Bingjian Lu; Yu Ma; Ying Shao; Enping Xu

doi:10.1016/j.prp.2022.154116

Twin pregnancy with complete hydatidiform mole and co-existing fetus: A report of 15 cases with a clinicopathological analysis and DNA genotyping

Pathol Res Pract. 2022 Oct:238:154116. doi: 10.1016/j.prp.2022.154116. Epub 2022 Sep 6.

Authors

Bingjian Lu¹, Yu Ma², Ying Shao³, Enping Xu⁴

Affiliations

¹ Department of Surgical Pathology and Center for Uterine Cancer Diagnosis & Therapy Research of Zhejiang Province, Zhejiang Provincial Key Laboratory of Precision Diagnosis and Therapy for Major Gynecological Diseases, Women's Hospital, School of Medicine, Zhejiang University, Hangzhou, Zhejiang Province, China. Electronic address: lbj@zju.edu.cn.
² Department of Clinical Laboratory Medicine, Women's Hospital, School of Medicine, Zhejiang University, Hangzhou, Zhejiang Province, China. Electronic address: 5308007@zju.edu.cn.
³ Department of Surgical Pathology, Women's Hospital, School of Medicine, Zhejiang University, Hangzhou, Zhejiang Province, China. Electronic address: shaoying0559@zju.edu.cn.
⁴ Department of Surgical Pathology, Women's Hospital & Department of Pathology & Pathophysiology, School of Medicine, Zhejiang University, Hangzhou, Zhejiang Province, China.

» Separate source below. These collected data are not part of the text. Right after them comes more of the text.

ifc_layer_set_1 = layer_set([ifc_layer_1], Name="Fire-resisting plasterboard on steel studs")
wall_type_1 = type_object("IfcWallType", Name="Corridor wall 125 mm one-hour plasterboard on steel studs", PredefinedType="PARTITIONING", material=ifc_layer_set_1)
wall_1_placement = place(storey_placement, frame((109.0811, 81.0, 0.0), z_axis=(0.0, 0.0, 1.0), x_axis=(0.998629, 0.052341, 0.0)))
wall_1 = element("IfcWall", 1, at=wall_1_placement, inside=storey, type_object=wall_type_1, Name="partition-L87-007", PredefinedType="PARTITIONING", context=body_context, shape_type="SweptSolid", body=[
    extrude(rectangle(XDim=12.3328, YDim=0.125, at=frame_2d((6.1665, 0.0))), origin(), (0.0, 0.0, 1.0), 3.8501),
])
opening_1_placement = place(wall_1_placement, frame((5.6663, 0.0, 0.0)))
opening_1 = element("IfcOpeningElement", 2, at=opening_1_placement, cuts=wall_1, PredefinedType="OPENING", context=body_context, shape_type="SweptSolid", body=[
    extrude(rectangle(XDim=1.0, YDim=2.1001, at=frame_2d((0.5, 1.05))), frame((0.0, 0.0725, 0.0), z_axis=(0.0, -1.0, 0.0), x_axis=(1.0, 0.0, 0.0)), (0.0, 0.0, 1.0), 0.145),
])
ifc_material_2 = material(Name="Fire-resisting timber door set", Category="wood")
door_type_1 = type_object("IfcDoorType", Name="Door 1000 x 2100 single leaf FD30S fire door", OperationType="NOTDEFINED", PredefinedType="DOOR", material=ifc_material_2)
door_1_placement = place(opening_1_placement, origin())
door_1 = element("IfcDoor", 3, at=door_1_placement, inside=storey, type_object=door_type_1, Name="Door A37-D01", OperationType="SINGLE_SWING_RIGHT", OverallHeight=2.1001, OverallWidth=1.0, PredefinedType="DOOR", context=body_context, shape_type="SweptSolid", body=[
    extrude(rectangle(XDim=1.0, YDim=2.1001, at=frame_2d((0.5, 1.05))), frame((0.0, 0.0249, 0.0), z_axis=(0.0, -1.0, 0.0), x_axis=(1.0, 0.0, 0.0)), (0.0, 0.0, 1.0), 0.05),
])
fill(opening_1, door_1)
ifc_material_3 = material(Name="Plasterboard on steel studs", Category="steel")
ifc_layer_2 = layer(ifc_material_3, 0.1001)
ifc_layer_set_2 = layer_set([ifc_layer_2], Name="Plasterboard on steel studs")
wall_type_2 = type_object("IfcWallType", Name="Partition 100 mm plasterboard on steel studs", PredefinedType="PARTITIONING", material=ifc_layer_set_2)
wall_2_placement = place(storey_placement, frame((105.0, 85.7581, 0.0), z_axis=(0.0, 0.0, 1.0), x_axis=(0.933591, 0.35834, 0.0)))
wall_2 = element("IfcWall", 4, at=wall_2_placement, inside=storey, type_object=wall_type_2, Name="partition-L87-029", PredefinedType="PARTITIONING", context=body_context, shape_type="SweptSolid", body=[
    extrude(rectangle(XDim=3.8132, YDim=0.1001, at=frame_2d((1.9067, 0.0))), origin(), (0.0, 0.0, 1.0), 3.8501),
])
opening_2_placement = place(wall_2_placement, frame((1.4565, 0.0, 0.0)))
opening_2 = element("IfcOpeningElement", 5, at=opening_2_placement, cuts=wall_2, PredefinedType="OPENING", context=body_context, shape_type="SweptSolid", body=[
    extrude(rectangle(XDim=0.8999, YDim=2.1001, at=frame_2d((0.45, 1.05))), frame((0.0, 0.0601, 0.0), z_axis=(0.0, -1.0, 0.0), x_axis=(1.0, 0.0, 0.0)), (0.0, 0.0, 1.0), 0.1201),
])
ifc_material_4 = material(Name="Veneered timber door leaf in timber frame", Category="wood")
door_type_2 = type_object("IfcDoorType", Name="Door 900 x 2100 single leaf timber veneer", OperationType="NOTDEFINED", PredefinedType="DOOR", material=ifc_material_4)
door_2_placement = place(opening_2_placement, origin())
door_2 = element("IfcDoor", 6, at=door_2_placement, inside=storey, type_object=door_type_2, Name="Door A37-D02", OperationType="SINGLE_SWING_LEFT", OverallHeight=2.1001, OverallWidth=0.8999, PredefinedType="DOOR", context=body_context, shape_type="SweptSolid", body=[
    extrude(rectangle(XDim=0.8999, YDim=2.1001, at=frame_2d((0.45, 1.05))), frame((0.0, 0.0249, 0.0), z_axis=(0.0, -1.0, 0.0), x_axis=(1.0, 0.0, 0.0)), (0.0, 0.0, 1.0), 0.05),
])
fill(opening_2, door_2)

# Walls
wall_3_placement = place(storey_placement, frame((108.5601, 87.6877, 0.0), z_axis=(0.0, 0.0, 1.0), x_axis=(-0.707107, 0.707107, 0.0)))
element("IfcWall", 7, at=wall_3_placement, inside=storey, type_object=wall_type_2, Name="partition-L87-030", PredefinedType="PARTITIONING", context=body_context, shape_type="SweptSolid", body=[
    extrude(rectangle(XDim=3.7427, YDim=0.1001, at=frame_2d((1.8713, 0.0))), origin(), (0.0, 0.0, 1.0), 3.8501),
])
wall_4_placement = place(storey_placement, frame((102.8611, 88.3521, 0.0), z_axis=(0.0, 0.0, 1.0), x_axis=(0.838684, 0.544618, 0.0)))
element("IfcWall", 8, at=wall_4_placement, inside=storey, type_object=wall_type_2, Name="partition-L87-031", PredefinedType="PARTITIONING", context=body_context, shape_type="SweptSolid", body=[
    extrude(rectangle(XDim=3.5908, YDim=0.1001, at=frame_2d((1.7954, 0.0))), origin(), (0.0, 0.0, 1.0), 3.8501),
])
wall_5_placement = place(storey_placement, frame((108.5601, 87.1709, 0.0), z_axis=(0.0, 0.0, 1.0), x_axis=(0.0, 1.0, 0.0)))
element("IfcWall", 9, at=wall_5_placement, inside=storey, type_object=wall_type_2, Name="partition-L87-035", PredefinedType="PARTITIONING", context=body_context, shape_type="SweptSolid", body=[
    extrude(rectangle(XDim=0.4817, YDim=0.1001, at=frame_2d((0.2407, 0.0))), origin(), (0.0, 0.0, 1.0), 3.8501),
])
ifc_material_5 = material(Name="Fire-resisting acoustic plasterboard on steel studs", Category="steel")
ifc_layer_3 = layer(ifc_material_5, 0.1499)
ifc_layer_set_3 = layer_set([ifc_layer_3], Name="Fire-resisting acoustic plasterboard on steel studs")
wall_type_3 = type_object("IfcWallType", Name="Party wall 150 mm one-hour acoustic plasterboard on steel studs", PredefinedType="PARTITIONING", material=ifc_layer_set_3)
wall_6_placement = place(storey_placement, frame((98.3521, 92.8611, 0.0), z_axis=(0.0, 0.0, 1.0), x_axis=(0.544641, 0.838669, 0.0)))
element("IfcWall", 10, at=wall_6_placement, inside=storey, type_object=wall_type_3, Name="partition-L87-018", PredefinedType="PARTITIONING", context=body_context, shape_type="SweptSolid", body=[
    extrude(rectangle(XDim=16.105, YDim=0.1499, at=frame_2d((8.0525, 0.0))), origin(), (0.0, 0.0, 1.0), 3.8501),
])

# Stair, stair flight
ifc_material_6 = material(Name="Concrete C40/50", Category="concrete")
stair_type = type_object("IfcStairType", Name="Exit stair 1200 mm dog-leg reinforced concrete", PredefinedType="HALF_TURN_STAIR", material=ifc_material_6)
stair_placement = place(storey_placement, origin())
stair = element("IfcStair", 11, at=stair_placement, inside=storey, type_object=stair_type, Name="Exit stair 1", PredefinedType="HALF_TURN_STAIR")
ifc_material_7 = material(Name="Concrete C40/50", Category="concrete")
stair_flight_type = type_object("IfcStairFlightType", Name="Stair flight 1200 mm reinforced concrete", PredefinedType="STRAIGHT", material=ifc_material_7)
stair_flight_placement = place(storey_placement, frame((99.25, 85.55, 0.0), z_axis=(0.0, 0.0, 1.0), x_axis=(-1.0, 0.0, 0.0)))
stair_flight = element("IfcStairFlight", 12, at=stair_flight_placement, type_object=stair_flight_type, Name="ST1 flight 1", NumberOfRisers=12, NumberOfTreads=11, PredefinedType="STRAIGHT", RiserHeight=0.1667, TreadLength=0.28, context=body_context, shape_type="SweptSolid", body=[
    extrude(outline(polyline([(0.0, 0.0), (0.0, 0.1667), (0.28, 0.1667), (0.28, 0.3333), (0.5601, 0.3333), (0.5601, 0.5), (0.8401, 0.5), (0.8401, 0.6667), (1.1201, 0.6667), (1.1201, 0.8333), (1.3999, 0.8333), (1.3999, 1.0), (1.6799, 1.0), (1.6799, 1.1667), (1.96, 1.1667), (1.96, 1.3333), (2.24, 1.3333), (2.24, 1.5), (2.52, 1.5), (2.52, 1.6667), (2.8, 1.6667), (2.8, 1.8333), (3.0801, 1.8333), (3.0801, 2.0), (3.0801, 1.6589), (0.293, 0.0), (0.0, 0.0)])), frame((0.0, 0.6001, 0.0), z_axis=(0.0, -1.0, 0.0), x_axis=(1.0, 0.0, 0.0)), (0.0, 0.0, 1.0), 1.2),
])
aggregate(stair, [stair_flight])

Electronic address: xep@zju.edu.cn.

PMID: 36095920
DOI: 10.1016/j.prp.2022.154116

Abstract

Complete hydatidiform mole (CHM) with co-existing fetus (CHMCF) is very uncommon. In this study, we investigated the clinicopathological features and DNA genotype in 15 CHMCF. Seven patients (46.7%) developed post-molar gestational trophoblastic disease (GTD), 5 of which had lung metastasis. CHMCF was histologically characterized by a mixed pattern of CHM and the non-molar placenta, mimicking partial hydatidiform mole and placental mesenchymal dysplasia. p57 immunostaining showed a divergent staining pattern, positive in the normal placenta and negative in the CHM component. DNA genotyping of the CHM villi demonstrated exclusively paternal alleles consisting of homozygous/monospermic (n = 9) and heterozygous/dispermic patterns (n = 5) at multiple informative loci. We conclude that CHMCF confers a high risk for post-molar GTD. DNA genotyping contributes significantly to the precision diagnosis of CHMCF.

Keywords: Clinical outcomes; Complete hydatidiform mole; Diagnosis; Genotype; Twin pregnancy.